ECLI:NL:RBNHO:2020:4268

Rechtbank Noord-Holland

Datum uitspraak
4 juni 2020
Publicatiedatum
10 juni 2020
Zaaknummer
AWB - 20 _ 2664
Instantie
Rechtbank Noord-Holland
Type
Uitspraak
Rechtsgebied
Bestuursrecht
Procedures
  • Voorlopige voorziening
Vindplaatsen
  • Rechtspraak.nl
AI samenvatting door LexboostAutomatisch gegenereerd

Afwijzing verzoek om voorlopige voorziening bij aanvraag om bijstand wegens onvoldoende financiële informatie

In deze zaak heeft de voorzieningenrechter van de Rechtbank Noord-Holland op 4 juni 2020 uitspraak gedaan op een verzoek om voorlopige voorziening van een verzoeker die een aanvraag om bijstand had ingediend. De aanvraag was door het college van burgemeester en wethouders van de gemeente Zaanstad buiten behandeling gesteld, omdat de verzoeker onvoldoende inzicht had gegeven in zijn financiële situatie. De verzoeker had op 5 maart 2020 een aanvraag om bijstand ingediend, maar had niet tijdig de gevraagde aanvullende informatie verstrekt.
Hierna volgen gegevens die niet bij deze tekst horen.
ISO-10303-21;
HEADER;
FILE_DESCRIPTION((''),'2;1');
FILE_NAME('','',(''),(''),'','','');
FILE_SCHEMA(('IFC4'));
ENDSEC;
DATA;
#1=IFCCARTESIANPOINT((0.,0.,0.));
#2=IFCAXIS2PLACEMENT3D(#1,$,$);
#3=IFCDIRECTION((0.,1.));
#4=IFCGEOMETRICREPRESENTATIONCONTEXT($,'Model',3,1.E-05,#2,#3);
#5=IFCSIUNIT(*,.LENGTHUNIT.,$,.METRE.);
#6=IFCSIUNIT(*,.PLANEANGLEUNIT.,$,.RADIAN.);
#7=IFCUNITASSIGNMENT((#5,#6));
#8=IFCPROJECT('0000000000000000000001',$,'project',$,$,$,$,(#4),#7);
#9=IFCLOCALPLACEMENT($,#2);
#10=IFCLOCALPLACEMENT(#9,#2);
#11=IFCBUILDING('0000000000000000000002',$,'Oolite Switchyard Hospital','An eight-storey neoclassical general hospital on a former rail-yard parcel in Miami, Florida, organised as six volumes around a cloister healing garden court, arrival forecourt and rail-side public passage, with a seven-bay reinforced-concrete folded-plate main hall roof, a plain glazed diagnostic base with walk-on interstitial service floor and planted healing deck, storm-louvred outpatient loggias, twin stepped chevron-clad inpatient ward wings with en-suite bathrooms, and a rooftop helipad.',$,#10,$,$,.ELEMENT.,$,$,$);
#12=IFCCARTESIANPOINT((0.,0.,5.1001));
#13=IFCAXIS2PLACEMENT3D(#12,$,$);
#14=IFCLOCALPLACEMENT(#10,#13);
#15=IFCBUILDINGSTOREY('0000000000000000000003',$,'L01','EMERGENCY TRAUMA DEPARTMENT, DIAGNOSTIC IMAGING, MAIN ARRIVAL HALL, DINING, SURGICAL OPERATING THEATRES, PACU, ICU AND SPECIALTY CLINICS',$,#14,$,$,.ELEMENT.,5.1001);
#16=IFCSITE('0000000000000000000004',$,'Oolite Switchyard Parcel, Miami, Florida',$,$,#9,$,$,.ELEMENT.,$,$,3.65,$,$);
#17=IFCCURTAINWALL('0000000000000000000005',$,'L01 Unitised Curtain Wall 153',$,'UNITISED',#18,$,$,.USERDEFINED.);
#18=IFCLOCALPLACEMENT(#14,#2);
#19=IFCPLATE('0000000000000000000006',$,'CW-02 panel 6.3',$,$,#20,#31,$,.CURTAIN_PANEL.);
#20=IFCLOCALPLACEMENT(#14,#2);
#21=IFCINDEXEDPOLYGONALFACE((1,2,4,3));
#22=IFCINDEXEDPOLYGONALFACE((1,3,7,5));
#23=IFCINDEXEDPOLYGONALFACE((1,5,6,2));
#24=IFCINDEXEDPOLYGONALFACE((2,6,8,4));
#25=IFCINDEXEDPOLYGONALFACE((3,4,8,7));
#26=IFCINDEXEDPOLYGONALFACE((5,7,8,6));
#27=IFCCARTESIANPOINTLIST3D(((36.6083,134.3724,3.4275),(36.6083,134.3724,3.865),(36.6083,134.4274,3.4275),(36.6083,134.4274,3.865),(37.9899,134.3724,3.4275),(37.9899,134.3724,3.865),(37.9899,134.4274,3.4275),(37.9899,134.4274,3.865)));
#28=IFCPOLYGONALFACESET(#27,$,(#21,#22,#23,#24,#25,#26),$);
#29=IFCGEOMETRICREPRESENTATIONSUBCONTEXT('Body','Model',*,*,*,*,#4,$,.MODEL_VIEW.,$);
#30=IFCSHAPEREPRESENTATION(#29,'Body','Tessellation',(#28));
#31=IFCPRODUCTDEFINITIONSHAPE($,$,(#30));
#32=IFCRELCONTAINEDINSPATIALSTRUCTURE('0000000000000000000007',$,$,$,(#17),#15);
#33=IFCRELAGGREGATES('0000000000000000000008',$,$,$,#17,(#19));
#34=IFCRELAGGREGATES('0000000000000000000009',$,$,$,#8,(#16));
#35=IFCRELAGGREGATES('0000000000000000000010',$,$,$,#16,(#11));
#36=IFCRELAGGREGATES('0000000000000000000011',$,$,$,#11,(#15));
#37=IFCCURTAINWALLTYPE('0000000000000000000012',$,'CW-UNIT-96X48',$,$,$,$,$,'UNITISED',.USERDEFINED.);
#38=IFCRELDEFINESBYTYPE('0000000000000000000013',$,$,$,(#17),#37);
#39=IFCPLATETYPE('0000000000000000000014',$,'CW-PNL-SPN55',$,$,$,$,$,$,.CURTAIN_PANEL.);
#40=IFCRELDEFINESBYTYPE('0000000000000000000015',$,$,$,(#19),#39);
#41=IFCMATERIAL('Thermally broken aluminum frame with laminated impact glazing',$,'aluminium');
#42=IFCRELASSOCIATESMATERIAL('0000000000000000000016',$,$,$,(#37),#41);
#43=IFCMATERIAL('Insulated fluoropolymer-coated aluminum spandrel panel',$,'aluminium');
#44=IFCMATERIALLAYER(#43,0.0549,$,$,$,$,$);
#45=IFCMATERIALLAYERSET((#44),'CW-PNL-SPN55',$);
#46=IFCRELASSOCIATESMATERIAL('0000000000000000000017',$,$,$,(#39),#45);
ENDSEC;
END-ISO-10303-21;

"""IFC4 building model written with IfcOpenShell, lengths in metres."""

from ifc_helpers import new_model, si_unit, direction, frame, origin, origin_2d, place, context, subcontext, project, spatial, rectangle, extrude, material, layer, layer_set, type_object, element, aggregate, save


model = new_model("IFC4")

# Units and contexts
model_context = context("Model", 3, precision=1e-05, world=origin(), true_north=direction((0.0, 1.0)))
body_context = subcontext(model_context, "Body", "Model", "MODEL_VIEW")
ifc_project = project(units=[si_unit("LENGTHUNIT", "METRE"), si_unit("PLANEANGLEUNIT", "RADIAN")], contexts=[model_context])

# Site, building, storey
site_placement = place(None, origin())
site = spatial("IfcSite", under=ifc_project, at=site_placement, Name="Oolite Switchyard Parcel, Miami, Florida", CompositionType="ELEMENT", RefElevation=3.65)
building_placement = place(site_placement, origin())
building = spatial("IfcBuilding", under=site, at=building_placement, Name="Oolite Switchyard Hospital", Description="An eight-storey neoclassical general hospital on a former rail-yard parcel in Miami, Florida, organised as six volumes around a cloister healing garden court, arrival forecourt and rail-side public passage, with a seven-bay reinforced-concrete folded-plate main hall roof, a plain glazed diagnostic base with walk-on interstitial service floor and planted healing deck, storm-louvred outpatient loggias, twin stepped chevron-clad inpatient ward wings with en-suite bathrooms, and a rooftop helipad.", CompositionType="ELEMENT")
storey_placement = place(building_placement, frame((0.0, 0.0, 5.1001)))
storey = spatial("IfcBuildingStorey", under=building, at=storey_placement, Name="L01", Description="EMERGENCY TRAUMA DEPARTMENT, DIAGNOSTIC IMAGING, MAIN ARRIVAL HALL, DINING, SURGICAL OPERATING THEATRES, PACU, ICU AND SPECIALTY CLINICS", CompositionType="ELEMENT", Elevation=5.1001)

# Curtain wall
ifc_material_1 = material(Name="Thermally broken aluminum frame with laminated impact glazing", Category="aluminium")
curtain_wall_type = type_object("IfcCurtainWallType", Name="CW-UNIT-96X48", ElementType="UNITISED", PredefinedType="USERDEFINED", material=ifc_material_1)
curtain_wall_1_placement = place(storey_placement, origin())
curtain_wall_1 = element("IfcCurtainWall", 1, at=curtain_wall_1_placement, inside=storey, type_object=curtain_wall_type, Name="L01 Unitised Curtain Wall 153", ObjectType="UNITISED", PredefinedType="USERDEFINED")

# Plate
ifc_material_2 = material(Name="Insulated fluoropolymer-coated aluminum spandrel panel", Category="aluminium")
ifc_layer = layer(ifc_material_2, 0.0549)
ifc_layer_set = layer_set([ifc_layer], Name="CW-PNL-SPN55")
plate_type = type_object("IfcPlateType", Name="CW-PNL-SPN55", PredefinedType="CURTAIN_PANEL", material=ifc_layer_set)
plate_1_placement = place(storey_placement, frame((37.2991, 134.3999, 3.4275), z_axis=(0.0, 0.0, 1.0), x_axis=(1.0, 0.0, 0.0)))
plate_1 = element("IfcPlate", 2, at=plate_1_placement, type_object=plate_type, Name="CW-02 panel 6.3", PredefinedType="CURTAIN_PANEL", context=body_context, shape_type="SweptSolid", body=[
    extrude(rectangle(XDim=1.3816, YDim=0.0549, at=origin_2d()), origin(), (0.0, 0.0, 1.0), 0.4375),
])
aggregate(curtain_wall_1, [plate_1])

save(model, "model.ifc")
De voorzieningenrechter heeft vastgesteld dat de verzoeker, die alleenstaand is en met zijn minderjarige zoon bij zijn moeder woont, niet over voldoende inkomen beschikt om in zijn levensonderhoud te voorzien. De voorzieningenrechter heeft overwogen dat de informatie die de verzoeker had aangeleverd niet voldoende was om een inhoudelijke beoordeling van de aanvraag te kunnen maken. De voorzieningenrechter heeft geconcludeerd dat de aanvraag terecht buiten behandeling is gesteld en heeft het verzoek om voorlopige voorziening afgewezen. Er is geen aanleiding voor een proceskostenveroordeling. De uitspraak is niet openbaar uitgesproken vanwege de coronamaatregelen, maar zal alsnog openbaar worden gemaakt zodra dat weer mogelijk is.

Uitspraak

RECHTBANK NOORD-HOLLAND

Zittingsplaats Haarlem
Bestuursrecht
zaaknummer: HAA 20/2664
uitspraak van de voorzieningenrechter van 4 juni 2020 op het verzoek om voorlopige voorziening in de zaak tussen

[verzoeker] , te [woonplaats] , verzoeker

(gemachtigde: mr. T. de Heer),
en

het college van burgemeester en wethouders van de gemeente Zaanstad, verweerder

(gemachtigde: [naam] ).

Procesverloop

Bij besluit van 15 april 2020 (het primaire besluit) heeft verweerder de aanvraag van verzoeker buiten behandeling gesteld.
Verzoeker heeft tegen het primaire besluit bezwaar gemaakt. Verzoeker heeft de voorzieningenrechter verzocht om een voorlopige voorziening te treffen.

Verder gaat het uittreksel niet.